Umfrage über Jugendliche am HöGy - 8.5.2008

  (Spongo)

In Nürtingens bestem Gymnasium aller Zeiten, dem HöGy, treffen verschiedene Generationen aufeinander und wir meinen damit nicht die Endlossitzenbleiber, sondern sowohl Schüler als auch Lehrer. Der Spongo hat es sich zur Aufgabe gemacht, nicht wie die meisten Medien zu verallgemeinern, sondern ein differenziertes Bild herzustellen. Hierzu wurde eine Umfrage gemacht.

Die Antwortenverteilung der ersten Frage verblüfft wenig. Die Mehrheit der Schüler stimmt der Aussage nicht zu, während die Erwachsenen sie durchaus für richtig halten. Allerdings konnten die Wenigsten der Befragten auch gute Gründe für ihre Antwort nennen. So antwortete eine Schülerin auf die Frage, warum sie dem nicht zustimme: „Weil der Alkoholkonsum zurückgeht“. Bei den Erwachsenen gab es hier die verschiedensten Antworten, die von einem simplen „ja, stimmt“ bis hin zum mehrstündigen Monolog über das neugewonnene Selbstbewusstsein der heutigen Jugend reichten. Doch einige Erwachsene meinten sogar, dass sich das Verhalten Jugendlicher (es lebe der Genitiv!) im Vergleich zu früher kaum verändert, die Medienpräsenz jedoch stark zugenommen habe. Nun, ob die Jugend früher auch schlimm war, können wir aufgrund unseres Alters nicht beurteilen, darum sei es einmal so dahingestellt. Dass gesellschaftliche Probleme sowohl von als auch durch Jugendliche auf größeres öffentliches Interesse stoßen als noch vor einigen Jahren, lässt sich allerdings zweifelsfrei belegen.
Und so wäre es doch möglich, dass zwar die Extremfälle heute extremer, das Selbstbewusstsein etwas selbstbewusster, aber eben auch der Durchschnitt durchschnittlicher geworden ist. Was wir mit diesem Satz ausdrücken wollen, können Sie sich getrost selbst überlegen, in der nächsten Spongoausgabe nachlesen oder sich von einem Deutsch- oder Religionslehrer Ihrer Wahl interpretieren lassen. Fest steht nur, dass es ein Satz ist, den man sofort so unterschreiben könnte, wenn er nicht völlig falsch wäre. Und wie nun eben die kleinen Dinge im Leben nicht besonders groß sind, so haben wir mit Hilfe einer Mensamutter festgestellt, dass doch eigentlich eh jeder kifft. Außer ich.
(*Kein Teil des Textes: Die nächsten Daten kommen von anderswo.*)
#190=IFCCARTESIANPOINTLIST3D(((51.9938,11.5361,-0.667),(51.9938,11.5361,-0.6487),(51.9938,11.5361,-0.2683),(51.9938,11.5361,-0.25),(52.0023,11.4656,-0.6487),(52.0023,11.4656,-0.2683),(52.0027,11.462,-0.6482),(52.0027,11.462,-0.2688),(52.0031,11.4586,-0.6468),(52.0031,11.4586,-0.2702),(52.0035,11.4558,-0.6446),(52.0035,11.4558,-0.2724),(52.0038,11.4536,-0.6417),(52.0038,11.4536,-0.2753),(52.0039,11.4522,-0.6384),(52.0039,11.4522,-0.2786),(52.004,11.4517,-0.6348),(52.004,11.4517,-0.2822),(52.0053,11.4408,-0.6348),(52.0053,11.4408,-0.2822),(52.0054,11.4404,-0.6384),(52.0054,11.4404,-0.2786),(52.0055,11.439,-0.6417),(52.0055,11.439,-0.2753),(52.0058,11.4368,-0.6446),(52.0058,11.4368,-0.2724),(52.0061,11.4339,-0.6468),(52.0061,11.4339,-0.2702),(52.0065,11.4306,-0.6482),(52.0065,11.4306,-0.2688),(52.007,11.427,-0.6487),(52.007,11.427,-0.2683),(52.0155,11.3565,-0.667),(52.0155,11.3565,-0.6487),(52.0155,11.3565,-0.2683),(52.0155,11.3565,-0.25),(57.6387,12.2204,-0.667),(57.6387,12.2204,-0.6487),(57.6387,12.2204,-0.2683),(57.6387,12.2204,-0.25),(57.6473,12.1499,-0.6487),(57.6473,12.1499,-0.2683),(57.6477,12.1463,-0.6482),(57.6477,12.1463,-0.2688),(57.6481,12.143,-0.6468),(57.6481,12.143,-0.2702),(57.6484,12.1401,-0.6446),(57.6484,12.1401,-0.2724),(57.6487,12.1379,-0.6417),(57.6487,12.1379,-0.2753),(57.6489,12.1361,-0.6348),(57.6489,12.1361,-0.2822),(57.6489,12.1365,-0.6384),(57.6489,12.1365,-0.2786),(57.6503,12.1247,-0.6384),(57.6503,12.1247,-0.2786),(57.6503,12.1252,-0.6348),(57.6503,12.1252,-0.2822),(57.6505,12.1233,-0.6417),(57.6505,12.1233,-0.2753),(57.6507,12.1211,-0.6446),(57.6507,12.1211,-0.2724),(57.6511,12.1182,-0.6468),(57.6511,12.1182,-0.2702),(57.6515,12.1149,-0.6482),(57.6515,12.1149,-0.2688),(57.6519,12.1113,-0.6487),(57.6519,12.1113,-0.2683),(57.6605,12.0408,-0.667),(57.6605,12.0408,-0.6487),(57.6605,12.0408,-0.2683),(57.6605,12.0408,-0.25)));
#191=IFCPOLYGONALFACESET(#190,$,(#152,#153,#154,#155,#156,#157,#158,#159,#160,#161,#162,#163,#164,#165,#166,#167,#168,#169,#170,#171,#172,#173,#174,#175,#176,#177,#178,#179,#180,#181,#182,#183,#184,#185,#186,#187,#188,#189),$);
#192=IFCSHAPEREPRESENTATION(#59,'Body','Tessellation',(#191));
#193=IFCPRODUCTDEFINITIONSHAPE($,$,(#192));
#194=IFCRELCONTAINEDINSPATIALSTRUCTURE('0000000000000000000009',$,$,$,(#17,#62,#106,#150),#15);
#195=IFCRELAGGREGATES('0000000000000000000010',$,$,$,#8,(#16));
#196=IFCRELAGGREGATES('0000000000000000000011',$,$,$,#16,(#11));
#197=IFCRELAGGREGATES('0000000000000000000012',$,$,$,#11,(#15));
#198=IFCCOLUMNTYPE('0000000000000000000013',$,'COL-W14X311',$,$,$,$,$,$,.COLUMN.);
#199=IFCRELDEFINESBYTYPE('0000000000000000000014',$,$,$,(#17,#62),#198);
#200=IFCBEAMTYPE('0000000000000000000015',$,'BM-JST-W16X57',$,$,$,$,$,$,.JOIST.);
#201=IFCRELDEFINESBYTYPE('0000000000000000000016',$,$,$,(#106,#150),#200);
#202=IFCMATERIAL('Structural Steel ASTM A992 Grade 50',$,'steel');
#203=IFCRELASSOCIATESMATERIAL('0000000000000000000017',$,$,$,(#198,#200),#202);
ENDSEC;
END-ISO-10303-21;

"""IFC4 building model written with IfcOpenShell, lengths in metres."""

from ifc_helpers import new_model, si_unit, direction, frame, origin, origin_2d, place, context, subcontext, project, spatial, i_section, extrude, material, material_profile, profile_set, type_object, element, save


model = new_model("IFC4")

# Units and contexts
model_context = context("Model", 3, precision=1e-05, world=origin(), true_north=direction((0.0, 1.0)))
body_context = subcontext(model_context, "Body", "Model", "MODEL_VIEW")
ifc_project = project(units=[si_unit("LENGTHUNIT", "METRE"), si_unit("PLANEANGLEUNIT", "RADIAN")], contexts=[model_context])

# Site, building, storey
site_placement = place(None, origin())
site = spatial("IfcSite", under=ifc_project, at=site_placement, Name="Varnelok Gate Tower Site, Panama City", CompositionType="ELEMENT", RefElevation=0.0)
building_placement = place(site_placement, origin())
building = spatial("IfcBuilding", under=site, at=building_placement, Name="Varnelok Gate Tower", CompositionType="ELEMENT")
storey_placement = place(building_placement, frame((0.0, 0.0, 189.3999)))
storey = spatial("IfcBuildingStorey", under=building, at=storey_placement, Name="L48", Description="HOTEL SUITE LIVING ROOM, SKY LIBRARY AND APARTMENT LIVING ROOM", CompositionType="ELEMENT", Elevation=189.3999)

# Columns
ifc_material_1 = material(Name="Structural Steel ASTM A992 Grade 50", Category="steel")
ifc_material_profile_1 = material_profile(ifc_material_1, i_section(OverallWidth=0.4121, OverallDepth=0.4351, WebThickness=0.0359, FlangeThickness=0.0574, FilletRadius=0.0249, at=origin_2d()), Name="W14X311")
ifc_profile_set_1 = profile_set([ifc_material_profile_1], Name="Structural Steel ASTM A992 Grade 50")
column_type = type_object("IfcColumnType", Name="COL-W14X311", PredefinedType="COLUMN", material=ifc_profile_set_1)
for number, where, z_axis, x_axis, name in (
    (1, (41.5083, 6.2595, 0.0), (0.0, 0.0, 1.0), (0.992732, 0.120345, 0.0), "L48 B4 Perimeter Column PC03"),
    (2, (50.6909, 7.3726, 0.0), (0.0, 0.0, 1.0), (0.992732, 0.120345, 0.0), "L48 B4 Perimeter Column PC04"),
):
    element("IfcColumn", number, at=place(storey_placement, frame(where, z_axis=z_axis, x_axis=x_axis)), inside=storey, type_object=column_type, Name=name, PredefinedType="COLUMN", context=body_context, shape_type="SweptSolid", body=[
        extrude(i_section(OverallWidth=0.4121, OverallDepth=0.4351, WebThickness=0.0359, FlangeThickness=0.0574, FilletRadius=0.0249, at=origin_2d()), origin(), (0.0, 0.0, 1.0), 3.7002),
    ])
Für alle anderen, die mit Drogenkonsum vertrauter sind als unsere Mensamutter: Nehmt euch in Acht, sonst geht es euch wie zwei von unseren Redakteuren, die einen Tag im Knast verbringen mussten. Nein, gekifft haben sie nicht (zumindest ist der Chefredaktion nichts bekannt) Also musste das einen anderen Grund haben. Hatte es auch: Ein Raum ohne Fenster, es ist 16 Uhr, es wird dunkel und man sitzt im Physikzimmer - da kommt einem doch gleich der Gedanke: hier ist es ja wie im Gefängnis.